From Youssef Saba and Rishna Opal

ABU DHABI (Reuters) – The global holding company plans to sell 20% of its technology unit in an initial public offering next year, the company’s chief executive told Reuters, adding that the United Arab Emirates’ International Humanitarian City is aiming for an initial public offering in the first quarter of the company. Pure Health to Pure Health Corporation. Raising more than 1 billion dollars.

The International Humanitarian City, which had risen from relative obscurity to become the largest publicly traded company in the United Arab Emirates with a value of more than $200 billion, was on the road to mergers and acquisitions.

This led two IHC subsidiaries to round up the top three companies on the Abu Dhabi Stock Exchange (ADX).

Asked about the plans of the International Technology Holding Company (ITH), CEO Syed Pasar Shoaib said IHC will likely list 20% of it in the third quarter and is in talks with local companies about potential acquisitions by the group that originated from sector properties. Information technology in the International City for Humanitarian Services.

Shuaib said ITH is expected to be worth more than half a billion dirhams ($136 million) and have assets of $1 billion by the second quarter.

The International Humanitarian City is part of a business empire overseen by its president, Sheikh Tahnoun bin Zayed Al Nahyan, who is also the national security advisor to the United Arab Emirates, and who has been working on the foreign policy problems of his brother, President Sheikh Mohammed bin Zayed Al Nahyan.

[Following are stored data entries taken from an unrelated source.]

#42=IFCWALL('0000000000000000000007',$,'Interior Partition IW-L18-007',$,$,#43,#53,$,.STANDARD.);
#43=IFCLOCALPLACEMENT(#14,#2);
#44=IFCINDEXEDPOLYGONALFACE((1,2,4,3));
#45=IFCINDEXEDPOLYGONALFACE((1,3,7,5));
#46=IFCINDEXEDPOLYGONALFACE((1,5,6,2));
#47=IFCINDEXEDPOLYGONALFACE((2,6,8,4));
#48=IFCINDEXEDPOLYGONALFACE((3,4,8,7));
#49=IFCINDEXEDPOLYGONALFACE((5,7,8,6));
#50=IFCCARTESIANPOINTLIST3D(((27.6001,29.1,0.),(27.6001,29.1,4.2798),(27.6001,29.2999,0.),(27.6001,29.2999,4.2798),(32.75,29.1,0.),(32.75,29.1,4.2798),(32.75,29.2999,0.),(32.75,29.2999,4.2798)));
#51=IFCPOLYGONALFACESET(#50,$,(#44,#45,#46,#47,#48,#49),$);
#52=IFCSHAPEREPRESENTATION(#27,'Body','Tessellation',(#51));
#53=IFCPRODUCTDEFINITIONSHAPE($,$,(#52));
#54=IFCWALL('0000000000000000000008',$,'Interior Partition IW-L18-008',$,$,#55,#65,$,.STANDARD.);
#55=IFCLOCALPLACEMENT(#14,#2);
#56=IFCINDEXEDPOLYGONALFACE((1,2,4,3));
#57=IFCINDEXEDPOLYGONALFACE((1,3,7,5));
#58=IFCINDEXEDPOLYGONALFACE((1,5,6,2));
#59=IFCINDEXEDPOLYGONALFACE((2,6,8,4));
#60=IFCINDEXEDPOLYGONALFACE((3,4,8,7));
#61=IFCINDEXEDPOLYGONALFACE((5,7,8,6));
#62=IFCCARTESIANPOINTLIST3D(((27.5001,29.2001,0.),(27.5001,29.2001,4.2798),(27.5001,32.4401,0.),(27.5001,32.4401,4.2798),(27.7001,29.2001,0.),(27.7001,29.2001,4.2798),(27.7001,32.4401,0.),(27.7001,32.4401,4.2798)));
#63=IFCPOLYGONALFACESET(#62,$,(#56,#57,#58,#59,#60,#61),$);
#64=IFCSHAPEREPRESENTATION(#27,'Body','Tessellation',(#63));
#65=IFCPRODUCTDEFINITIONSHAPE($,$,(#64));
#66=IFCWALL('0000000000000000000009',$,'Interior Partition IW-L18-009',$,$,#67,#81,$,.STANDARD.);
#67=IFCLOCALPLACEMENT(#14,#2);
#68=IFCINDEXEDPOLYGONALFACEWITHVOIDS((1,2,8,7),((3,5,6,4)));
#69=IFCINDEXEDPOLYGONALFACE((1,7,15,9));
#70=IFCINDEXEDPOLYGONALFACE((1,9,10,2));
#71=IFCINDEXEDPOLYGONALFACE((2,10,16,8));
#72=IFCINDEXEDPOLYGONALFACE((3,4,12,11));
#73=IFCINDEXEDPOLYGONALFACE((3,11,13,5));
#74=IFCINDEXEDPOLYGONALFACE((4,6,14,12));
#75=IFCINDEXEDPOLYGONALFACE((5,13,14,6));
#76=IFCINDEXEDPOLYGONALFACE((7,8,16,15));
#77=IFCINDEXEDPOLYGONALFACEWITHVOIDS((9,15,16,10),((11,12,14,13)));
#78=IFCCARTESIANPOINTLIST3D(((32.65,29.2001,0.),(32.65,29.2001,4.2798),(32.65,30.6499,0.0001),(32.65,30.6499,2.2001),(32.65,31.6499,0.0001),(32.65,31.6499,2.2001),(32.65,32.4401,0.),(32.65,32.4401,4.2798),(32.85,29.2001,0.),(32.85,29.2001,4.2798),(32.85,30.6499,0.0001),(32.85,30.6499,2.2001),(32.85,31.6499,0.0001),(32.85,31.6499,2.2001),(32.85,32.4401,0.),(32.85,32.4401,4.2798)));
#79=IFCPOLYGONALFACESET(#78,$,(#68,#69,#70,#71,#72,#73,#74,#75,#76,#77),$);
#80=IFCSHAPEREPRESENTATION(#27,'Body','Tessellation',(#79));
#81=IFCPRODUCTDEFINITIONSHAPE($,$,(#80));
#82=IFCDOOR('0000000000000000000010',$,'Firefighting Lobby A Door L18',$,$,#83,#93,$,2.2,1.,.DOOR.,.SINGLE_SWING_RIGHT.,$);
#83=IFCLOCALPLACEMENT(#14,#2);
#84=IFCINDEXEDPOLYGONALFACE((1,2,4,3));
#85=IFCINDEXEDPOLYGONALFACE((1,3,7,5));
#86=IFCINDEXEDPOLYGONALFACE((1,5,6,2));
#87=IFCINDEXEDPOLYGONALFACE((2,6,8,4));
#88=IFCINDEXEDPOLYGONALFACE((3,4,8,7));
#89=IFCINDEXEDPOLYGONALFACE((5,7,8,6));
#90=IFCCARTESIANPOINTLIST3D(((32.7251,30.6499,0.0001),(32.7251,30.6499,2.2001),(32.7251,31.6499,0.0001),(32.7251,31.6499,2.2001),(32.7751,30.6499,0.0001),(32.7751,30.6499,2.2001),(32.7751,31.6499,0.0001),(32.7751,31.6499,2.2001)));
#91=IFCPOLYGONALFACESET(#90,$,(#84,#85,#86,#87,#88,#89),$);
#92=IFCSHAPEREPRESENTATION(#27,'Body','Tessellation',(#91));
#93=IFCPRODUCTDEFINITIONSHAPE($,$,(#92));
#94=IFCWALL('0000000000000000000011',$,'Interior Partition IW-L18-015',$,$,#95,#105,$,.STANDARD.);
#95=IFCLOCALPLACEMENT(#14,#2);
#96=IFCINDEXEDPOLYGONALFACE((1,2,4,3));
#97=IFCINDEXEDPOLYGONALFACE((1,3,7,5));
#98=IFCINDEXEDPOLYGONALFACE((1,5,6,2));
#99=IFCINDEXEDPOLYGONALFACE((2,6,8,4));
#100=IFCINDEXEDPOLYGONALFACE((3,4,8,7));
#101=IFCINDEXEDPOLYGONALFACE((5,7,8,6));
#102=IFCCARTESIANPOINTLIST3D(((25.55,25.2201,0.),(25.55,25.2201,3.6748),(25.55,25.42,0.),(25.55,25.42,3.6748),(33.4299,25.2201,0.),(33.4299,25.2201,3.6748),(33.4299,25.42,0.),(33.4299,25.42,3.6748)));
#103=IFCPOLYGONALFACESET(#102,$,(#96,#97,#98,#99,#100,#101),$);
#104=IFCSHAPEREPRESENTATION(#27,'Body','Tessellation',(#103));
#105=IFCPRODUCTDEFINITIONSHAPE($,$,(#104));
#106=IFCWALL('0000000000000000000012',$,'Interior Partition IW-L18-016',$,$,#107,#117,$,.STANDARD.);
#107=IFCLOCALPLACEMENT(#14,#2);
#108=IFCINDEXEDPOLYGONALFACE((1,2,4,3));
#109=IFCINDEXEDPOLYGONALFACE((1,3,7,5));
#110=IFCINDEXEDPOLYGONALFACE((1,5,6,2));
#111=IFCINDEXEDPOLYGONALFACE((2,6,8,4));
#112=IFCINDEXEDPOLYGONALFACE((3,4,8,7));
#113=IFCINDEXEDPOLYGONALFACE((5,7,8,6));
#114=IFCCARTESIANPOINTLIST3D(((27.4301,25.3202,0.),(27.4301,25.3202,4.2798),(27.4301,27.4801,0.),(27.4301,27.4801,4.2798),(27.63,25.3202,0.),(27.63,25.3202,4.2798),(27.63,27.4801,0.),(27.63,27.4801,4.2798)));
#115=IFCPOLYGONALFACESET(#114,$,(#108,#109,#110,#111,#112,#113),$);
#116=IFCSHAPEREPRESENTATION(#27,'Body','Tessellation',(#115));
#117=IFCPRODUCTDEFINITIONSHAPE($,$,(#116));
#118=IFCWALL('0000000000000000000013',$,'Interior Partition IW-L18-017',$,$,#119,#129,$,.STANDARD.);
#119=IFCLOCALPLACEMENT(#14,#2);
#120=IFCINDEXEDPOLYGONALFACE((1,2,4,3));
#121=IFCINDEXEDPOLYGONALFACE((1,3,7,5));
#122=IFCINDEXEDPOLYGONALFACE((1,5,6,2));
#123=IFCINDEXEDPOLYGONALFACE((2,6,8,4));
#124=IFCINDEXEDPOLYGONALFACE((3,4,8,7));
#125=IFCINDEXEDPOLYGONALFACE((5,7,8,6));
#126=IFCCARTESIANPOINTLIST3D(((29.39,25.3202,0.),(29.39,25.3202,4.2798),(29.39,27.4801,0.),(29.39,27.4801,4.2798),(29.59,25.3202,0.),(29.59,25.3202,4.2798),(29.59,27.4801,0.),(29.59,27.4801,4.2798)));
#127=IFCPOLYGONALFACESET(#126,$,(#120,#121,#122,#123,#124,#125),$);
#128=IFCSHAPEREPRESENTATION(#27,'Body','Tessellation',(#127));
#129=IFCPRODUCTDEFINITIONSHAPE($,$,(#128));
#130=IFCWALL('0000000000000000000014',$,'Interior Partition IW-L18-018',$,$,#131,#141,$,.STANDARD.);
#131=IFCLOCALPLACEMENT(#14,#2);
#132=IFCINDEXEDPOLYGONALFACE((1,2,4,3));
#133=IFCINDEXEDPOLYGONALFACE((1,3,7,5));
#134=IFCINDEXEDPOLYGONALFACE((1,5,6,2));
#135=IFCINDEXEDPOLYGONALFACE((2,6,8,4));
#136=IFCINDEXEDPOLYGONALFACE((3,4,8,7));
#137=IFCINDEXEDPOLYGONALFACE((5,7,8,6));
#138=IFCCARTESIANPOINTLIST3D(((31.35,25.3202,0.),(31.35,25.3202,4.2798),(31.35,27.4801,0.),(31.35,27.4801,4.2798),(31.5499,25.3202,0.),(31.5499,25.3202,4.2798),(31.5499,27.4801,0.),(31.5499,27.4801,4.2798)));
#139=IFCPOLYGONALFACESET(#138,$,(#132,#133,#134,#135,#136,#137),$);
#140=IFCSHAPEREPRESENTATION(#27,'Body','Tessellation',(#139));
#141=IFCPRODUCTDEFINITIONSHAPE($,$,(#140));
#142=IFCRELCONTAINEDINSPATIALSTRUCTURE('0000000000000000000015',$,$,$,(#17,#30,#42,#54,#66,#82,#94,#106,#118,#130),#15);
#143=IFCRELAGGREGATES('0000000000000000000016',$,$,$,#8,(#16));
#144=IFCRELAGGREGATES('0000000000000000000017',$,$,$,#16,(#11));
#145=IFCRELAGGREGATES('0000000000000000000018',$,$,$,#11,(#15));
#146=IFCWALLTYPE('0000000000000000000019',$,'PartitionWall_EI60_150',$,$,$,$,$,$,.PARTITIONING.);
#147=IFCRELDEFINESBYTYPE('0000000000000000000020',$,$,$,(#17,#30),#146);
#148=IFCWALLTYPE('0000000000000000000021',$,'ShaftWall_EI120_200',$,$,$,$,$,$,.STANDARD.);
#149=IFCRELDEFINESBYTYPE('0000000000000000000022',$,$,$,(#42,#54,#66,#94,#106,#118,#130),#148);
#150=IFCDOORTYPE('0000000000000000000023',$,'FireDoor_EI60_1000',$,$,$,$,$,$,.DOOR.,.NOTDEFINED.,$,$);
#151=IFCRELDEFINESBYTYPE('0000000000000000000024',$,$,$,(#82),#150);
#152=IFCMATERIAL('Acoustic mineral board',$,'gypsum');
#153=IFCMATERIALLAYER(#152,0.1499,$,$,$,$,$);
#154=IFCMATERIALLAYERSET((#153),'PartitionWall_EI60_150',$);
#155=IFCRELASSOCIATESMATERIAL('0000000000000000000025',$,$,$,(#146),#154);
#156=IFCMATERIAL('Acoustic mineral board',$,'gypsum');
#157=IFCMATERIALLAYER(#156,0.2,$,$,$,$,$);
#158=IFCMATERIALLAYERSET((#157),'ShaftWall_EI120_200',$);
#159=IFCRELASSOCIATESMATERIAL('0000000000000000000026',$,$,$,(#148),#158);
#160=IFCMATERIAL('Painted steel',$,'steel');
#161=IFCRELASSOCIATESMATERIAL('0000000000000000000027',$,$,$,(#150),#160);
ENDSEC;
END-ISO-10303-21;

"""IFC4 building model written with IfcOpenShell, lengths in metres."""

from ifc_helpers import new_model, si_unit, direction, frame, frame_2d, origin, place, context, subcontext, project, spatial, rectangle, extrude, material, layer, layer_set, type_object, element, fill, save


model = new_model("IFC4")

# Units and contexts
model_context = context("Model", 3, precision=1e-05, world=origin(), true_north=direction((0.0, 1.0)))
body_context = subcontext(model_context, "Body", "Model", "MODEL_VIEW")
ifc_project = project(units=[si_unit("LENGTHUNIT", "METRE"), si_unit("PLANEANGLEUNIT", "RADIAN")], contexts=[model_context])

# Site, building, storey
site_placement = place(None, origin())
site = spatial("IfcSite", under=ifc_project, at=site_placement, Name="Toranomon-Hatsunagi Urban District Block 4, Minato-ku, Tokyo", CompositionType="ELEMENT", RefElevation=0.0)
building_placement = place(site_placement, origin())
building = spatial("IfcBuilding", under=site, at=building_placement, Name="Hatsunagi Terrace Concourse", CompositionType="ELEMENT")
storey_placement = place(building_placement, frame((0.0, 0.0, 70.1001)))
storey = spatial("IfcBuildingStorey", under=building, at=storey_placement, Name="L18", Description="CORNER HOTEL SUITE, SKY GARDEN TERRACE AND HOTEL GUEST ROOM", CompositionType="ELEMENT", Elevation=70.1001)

The company, whose market capitalization is greater than companies such as Shell, Disney and Nike, has played a key role in increasing the size of the Abu Dhabi Stock Exchange amid intense competition with Saudi Arabia.

The International Humanitarian City, its subsidiary Alfa Abu Dhabi, the second largest company on the Abu Dhabi Stock Exchange, and other IHC-related companies have all played a leading role in a series of initial public offerings in Abu Dhabi as anchor investors.

Pure Health, under the management of Alfa Abu Dhabi, aims to raise more than $1 billion in an initial public offering for the first quarter that has been delayed this year.

“It will be more than $1 billion, but the size depends on how much we put on the market. I don’t think we can go beyond 10%, otherwise we will take all the liquidity out of the market and that will affect other players,” Schwepp said.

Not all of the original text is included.